By: Carter E. Anthony, CFA
At the end of the third quarter, the 10-year Treasury bond yielded 4.60%, its hjghest yield since 2007.
The 2-year yielded even more at 5.07%, emphasizing the inverted yield curve. For the quarter, the conservative Dow Jones Industrial Average fell 2.6%, the broader S & P 500 fell 3.6% and the tech-heavy Nasdaq fell 4.1%.
Responding to the Fed’s rate increases in 2022, the S & P 500 was down 19% and the Nasdaq was down 33%.
Investors expected more of the same in 2023, but news surrounding Artificial Intelligence (AI) led to an “artificial” rally in the AI stocks driving the indices to first-half highs, carrying the NASDAQ to its best first half of a year since the 1980s during the advent of desktops.
With the Fed continuing to raise rates, stock valuations have not made sense. The tech sector has been trading at 28 times earnings, is now trading at 24 times earnings, but has a 10-year average P/E of 18.5 times.
In terms of equity weighting, I have always been under-weight the S & P 500 in technology stocks because I don’t like their volatility.
For example, Nvidia, a specialty chip-maker fell 50% in 2022 only to rise 80% in 2023 due to speculation in the importance of Artificial Intelligence.
My portfolios will not earn all the upside of tech stocks but they will also not feel the brunt of the downside.
Energy stocks, one of the few third quarter winners, rode the rally in crude oil prices during the quarter.
The sector was up 11% with Exxon closing at its all-time high. Like it or not, the world runs on fossil fuels and there is no substitute of such a magnitude.
I have always been over-weight energy. Investing in energy stocks is much like investing in gold except with energy stocks, an investor can analyze financial statements, review the work of management, understand the supply and demand for the product and receive a quarterly dividend.
With gold, you get William Shatner (Denny Crane) telling you gold will double in the next 12 months or maybe it is 12 years or with him, it might be “whenever”.
Gold is a speculation that responds to crises. Energy stocks work well for you when there is no crisis.
Earlier in the year, I invested in several “deep value” stocks with 5% dividend yields in anticipation of the recession that has been forecast for three years now.
We often call deep value stocks, “cheap stocks”. As sometimes happens, cheap stocks get cheaper. As a “total return” manager (managing for income and appreciation) I cannot stand to see cheap stocks get cheaper.
A couple of those cheap stocks are now in someone else’s bargain basement portfolio and we own better companies with 3%+ dividend yields.
Using the last two years as a guide, the conservative Dow is down 2.4% and the broader S & P 500 is down 3.8%. Over that same period, our portfolios are in positive territory.
The Fed still controls the markets. As the Fed goes, so go bond yields and stock values.
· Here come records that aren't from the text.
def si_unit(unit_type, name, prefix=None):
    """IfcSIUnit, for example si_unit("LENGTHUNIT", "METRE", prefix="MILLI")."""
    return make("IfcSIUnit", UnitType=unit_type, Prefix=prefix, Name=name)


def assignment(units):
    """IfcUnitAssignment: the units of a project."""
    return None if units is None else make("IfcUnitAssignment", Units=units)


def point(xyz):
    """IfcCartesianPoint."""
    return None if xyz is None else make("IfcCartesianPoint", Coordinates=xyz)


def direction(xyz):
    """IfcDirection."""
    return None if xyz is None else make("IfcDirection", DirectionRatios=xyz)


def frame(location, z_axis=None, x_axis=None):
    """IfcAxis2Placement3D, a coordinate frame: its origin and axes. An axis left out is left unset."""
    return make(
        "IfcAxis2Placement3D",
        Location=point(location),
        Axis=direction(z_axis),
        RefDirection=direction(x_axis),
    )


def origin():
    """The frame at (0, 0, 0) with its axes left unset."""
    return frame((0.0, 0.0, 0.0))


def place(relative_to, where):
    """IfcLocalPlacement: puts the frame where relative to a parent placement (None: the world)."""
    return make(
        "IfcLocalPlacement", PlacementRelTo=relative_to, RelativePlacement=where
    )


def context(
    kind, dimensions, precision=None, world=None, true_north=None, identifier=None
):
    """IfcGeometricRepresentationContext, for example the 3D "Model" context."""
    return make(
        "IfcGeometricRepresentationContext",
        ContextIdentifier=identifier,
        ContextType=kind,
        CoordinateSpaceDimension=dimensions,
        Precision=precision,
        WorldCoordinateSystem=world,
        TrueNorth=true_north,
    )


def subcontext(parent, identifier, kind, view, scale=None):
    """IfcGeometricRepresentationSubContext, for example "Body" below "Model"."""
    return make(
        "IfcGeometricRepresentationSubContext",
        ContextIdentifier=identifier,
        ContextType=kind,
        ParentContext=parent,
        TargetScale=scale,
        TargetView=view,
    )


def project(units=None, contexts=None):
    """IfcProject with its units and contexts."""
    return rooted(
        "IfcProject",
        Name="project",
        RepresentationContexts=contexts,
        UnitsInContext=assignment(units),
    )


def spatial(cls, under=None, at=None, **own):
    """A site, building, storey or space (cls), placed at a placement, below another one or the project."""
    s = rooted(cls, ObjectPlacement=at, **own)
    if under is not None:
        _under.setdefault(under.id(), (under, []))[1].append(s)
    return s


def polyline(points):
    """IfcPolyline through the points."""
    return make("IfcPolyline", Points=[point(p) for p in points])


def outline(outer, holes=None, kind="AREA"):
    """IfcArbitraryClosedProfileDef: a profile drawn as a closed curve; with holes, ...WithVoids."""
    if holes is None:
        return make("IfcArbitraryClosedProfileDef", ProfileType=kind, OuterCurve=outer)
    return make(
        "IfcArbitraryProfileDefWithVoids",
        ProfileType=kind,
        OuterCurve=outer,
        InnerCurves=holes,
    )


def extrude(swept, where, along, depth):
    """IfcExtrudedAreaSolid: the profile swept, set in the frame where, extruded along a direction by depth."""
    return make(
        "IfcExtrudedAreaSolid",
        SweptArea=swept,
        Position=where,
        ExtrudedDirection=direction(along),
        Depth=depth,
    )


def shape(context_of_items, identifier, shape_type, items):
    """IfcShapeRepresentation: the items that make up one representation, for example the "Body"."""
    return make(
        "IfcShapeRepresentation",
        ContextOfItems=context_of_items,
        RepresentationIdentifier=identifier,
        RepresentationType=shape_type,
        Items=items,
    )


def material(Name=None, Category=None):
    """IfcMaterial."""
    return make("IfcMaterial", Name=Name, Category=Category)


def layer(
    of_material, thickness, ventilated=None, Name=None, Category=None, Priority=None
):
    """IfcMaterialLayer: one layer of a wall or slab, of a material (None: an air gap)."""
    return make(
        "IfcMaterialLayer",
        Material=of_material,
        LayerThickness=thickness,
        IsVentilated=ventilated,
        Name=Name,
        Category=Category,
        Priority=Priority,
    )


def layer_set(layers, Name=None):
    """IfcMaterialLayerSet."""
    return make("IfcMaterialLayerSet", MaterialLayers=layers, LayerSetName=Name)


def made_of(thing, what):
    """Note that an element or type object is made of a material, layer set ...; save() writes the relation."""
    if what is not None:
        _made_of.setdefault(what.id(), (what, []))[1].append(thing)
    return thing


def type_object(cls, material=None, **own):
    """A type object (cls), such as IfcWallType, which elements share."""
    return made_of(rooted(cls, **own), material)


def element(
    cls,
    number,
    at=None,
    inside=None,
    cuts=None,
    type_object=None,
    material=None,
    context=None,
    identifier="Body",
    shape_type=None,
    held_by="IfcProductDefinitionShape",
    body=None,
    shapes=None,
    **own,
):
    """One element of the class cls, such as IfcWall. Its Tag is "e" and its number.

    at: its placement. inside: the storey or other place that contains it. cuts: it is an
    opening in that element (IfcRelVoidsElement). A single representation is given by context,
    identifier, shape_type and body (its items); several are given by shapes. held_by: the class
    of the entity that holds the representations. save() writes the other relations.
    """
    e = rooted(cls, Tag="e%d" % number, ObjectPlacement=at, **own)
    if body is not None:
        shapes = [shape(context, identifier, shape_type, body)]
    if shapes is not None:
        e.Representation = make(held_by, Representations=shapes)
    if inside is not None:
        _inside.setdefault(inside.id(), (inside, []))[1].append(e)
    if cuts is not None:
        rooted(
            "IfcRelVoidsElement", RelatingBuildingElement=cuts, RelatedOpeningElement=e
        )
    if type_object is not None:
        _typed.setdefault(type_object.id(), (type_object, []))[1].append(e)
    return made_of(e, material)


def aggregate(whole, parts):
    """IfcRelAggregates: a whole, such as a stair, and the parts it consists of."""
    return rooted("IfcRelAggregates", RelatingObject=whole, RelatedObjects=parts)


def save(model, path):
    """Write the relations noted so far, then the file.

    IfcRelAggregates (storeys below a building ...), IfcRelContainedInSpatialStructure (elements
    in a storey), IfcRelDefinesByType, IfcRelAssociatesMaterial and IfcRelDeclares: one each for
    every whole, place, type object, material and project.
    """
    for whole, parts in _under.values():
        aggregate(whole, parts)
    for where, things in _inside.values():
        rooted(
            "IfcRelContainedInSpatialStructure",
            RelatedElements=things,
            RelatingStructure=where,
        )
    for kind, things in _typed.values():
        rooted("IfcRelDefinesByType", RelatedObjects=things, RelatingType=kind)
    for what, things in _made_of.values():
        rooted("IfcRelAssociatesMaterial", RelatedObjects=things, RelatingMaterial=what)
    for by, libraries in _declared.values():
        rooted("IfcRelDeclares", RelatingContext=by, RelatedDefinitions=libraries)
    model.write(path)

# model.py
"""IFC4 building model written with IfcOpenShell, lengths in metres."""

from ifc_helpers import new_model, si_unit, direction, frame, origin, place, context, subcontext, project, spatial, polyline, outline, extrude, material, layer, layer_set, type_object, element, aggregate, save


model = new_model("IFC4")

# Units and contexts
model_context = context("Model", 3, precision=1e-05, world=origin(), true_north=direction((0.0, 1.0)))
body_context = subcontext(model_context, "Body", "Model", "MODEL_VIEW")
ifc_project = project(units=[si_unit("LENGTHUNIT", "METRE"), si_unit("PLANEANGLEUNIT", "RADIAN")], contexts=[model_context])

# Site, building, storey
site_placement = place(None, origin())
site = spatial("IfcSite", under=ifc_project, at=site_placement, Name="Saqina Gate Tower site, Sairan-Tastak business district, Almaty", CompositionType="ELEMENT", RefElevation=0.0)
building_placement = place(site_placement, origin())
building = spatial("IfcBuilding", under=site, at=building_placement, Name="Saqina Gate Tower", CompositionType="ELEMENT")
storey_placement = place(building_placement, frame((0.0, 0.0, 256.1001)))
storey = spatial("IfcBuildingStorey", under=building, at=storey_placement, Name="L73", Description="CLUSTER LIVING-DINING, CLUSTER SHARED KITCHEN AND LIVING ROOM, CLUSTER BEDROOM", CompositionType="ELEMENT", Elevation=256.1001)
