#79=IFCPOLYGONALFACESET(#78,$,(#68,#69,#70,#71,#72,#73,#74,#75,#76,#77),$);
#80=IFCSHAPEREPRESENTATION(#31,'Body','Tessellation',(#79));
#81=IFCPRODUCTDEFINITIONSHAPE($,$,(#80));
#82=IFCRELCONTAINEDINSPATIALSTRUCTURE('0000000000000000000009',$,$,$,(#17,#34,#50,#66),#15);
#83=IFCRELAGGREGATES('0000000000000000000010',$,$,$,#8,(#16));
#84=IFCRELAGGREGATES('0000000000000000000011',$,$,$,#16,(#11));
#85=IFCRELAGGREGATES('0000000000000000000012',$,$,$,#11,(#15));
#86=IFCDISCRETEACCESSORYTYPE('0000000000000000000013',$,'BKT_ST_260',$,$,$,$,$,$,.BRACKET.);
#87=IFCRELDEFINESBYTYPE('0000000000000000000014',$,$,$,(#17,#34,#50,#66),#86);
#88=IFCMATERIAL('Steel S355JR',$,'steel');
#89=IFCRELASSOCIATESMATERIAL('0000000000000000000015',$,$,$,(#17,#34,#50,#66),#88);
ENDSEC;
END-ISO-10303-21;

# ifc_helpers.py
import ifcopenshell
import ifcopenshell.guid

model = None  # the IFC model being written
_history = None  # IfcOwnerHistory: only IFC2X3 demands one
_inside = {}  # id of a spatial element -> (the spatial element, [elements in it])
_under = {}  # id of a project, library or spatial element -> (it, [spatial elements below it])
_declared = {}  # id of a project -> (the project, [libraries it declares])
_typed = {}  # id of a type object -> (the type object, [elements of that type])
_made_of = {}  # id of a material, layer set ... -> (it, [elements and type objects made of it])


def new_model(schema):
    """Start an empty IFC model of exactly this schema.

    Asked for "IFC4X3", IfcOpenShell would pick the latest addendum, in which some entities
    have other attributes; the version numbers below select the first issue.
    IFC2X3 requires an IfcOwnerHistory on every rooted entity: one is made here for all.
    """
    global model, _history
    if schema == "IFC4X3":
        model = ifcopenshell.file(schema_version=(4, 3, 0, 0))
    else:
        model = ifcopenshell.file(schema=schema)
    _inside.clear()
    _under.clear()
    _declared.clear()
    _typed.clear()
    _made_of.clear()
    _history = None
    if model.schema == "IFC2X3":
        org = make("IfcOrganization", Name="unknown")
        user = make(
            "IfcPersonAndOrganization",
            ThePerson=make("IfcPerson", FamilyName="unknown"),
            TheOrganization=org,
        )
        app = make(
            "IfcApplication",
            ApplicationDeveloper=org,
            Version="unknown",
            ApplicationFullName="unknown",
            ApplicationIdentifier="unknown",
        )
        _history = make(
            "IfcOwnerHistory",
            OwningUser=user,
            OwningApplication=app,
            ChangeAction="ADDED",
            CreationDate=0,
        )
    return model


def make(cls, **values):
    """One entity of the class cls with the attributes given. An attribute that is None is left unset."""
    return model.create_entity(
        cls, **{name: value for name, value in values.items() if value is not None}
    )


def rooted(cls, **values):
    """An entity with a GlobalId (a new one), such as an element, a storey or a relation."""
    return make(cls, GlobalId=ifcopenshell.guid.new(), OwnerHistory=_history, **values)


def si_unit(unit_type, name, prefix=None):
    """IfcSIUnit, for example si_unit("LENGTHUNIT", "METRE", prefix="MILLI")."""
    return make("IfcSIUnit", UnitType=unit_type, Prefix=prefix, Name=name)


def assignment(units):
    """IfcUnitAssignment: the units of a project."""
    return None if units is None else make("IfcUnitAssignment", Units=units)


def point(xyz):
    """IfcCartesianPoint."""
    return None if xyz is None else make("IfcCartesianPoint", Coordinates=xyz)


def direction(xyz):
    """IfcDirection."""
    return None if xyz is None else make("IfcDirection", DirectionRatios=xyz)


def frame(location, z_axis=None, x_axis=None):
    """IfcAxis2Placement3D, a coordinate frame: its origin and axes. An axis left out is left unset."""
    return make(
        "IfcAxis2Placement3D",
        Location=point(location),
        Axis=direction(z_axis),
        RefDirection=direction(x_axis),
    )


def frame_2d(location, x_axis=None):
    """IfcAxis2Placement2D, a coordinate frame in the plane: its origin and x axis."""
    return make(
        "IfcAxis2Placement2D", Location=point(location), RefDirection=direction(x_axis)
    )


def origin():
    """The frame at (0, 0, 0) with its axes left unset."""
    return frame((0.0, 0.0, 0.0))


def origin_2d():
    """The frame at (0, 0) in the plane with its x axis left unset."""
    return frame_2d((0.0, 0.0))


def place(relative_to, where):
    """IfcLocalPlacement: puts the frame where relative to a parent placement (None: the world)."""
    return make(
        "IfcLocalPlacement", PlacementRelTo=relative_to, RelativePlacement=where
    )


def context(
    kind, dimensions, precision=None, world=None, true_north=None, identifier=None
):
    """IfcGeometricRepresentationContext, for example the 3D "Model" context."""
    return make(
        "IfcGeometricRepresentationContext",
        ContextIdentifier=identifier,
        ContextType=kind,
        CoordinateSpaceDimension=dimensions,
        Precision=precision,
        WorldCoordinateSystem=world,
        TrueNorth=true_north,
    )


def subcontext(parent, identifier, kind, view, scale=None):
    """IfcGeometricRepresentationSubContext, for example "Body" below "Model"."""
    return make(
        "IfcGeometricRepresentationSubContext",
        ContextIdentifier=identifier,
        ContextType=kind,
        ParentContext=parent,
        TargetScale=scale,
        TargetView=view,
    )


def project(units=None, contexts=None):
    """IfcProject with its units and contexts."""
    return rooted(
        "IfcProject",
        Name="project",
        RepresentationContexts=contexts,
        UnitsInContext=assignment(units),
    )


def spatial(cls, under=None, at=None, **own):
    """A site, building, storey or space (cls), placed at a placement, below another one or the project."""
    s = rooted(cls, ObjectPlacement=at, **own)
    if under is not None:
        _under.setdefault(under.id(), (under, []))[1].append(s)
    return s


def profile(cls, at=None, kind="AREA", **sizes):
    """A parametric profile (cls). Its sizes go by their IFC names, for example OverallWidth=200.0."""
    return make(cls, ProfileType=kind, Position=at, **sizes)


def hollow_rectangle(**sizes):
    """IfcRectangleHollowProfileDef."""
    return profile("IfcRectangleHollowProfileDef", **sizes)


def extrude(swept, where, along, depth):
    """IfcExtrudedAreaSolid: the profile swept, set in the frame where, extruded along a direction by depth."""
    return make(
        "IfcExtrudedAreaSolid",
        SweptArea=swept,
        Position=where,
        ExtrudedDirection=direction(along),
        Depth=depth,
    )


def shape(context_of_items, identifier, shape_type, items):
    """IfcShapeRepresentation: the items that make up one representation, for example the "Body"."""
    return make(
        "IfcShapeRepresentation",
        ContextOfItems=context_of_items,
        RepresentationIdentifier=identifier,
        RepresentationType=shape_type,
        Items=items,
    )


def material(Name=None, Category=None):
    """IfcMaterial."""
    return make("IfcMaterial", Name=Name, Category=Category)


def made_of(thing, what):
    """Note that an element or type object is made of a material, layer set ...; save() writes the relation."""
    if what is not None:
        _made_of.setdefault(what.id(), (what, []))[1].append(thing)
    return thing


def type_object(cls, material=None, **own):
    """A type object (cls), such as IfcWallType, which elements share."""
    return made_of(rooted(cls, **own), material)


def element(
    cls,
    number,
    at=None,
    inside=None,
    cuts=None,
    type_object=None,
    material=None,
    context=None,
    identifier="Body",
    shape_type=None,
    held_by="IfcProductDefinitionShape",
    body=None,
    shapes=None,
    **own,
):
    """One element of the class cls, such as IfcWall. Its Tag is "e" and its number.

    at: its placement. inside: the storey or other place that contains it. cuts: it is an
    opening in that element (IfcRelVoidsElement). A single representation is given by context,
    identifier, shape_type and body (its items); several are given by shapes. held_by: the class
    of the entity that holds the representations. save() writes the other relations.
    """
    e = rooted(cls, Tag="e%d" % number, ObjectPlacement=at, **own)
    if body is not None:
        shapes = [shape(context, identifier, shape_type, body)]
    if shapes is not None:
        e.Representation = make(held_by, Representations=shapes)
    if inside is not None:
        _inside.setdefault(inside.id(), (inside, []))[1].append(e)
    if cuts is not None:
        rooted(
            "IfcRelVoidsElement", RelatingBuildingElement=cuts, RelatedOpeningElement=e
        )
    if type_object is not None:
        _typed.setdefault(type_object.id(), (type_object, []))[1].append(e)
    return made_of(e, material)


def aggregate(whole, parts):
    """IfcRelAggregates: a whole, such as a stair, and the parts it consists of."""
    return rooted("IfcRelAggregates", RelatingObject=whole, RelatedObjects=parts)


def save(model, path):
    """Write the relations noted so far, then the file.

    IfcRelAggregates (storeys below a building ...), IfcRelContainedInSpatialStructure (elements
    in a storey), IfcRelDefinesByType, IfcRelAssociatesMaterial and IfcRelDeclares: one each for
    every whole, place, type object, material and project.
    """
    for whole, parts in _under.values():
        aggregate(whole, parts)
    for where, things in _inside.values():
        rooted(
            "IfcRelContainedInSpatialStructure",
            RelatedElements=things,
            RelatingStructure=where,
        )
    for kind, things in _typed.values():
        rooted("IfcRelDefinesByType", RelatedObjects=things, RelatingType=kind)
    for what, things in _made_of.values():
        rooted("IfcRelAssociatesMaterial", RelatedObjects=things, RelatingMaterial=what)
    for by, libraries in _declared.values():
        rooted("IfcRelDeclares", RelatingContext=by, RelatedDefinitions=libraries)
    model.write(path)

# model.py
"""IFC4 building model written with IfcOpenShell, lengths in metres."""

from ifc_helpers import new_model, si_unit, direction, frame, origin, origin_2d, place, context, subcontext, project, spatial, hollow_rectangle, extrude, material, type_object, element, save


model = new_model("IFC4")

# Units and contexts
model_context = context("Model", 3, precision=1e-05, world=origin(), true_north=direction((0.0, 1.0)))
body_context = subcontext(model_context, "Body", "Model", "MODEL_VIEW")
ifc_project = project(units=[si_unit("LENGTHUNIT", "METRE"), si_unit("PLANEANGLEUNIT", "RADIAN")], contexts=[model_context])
Chairman Powell has said there might be another ¼ point increase this year and he anticipates a few more increases next year.
According to recent releases on consumer spending and credit card debt, the public is oblivious to higher rates and a possible slowing economy leading to layoffs.
Strikes at UAW and Kaiser Permanente indicate total ignorance of layoffs. However, home purchase applications have tumbled as mortgage rates approach 8%.
In a similar situation in the 1979-1981 period, when the Fed was raising rates to squelch inflation, mortgage rates approached 20%. Let’s hope we don’t get there.
This week, in another bow to unproven climate change the Leader of the Free World declared war on swimming pool heaters.
Almost all swimming pools are heated by the least expensive fossil fuel, natural gas.
How many swimming pools are there in the U.S.? How many swimming pools in the U.S. have heaters? How many hours are swimming pool heaters used in a year?
This is the president of a country with a population of 330 million people, a GDP of approximately $25 trillion and who is the Commander of the strongest military in the world valued at $2.0 trillion+.
We’re bleeding TAXPAYER money in support of Ukraine and he has declared war on swimming pools.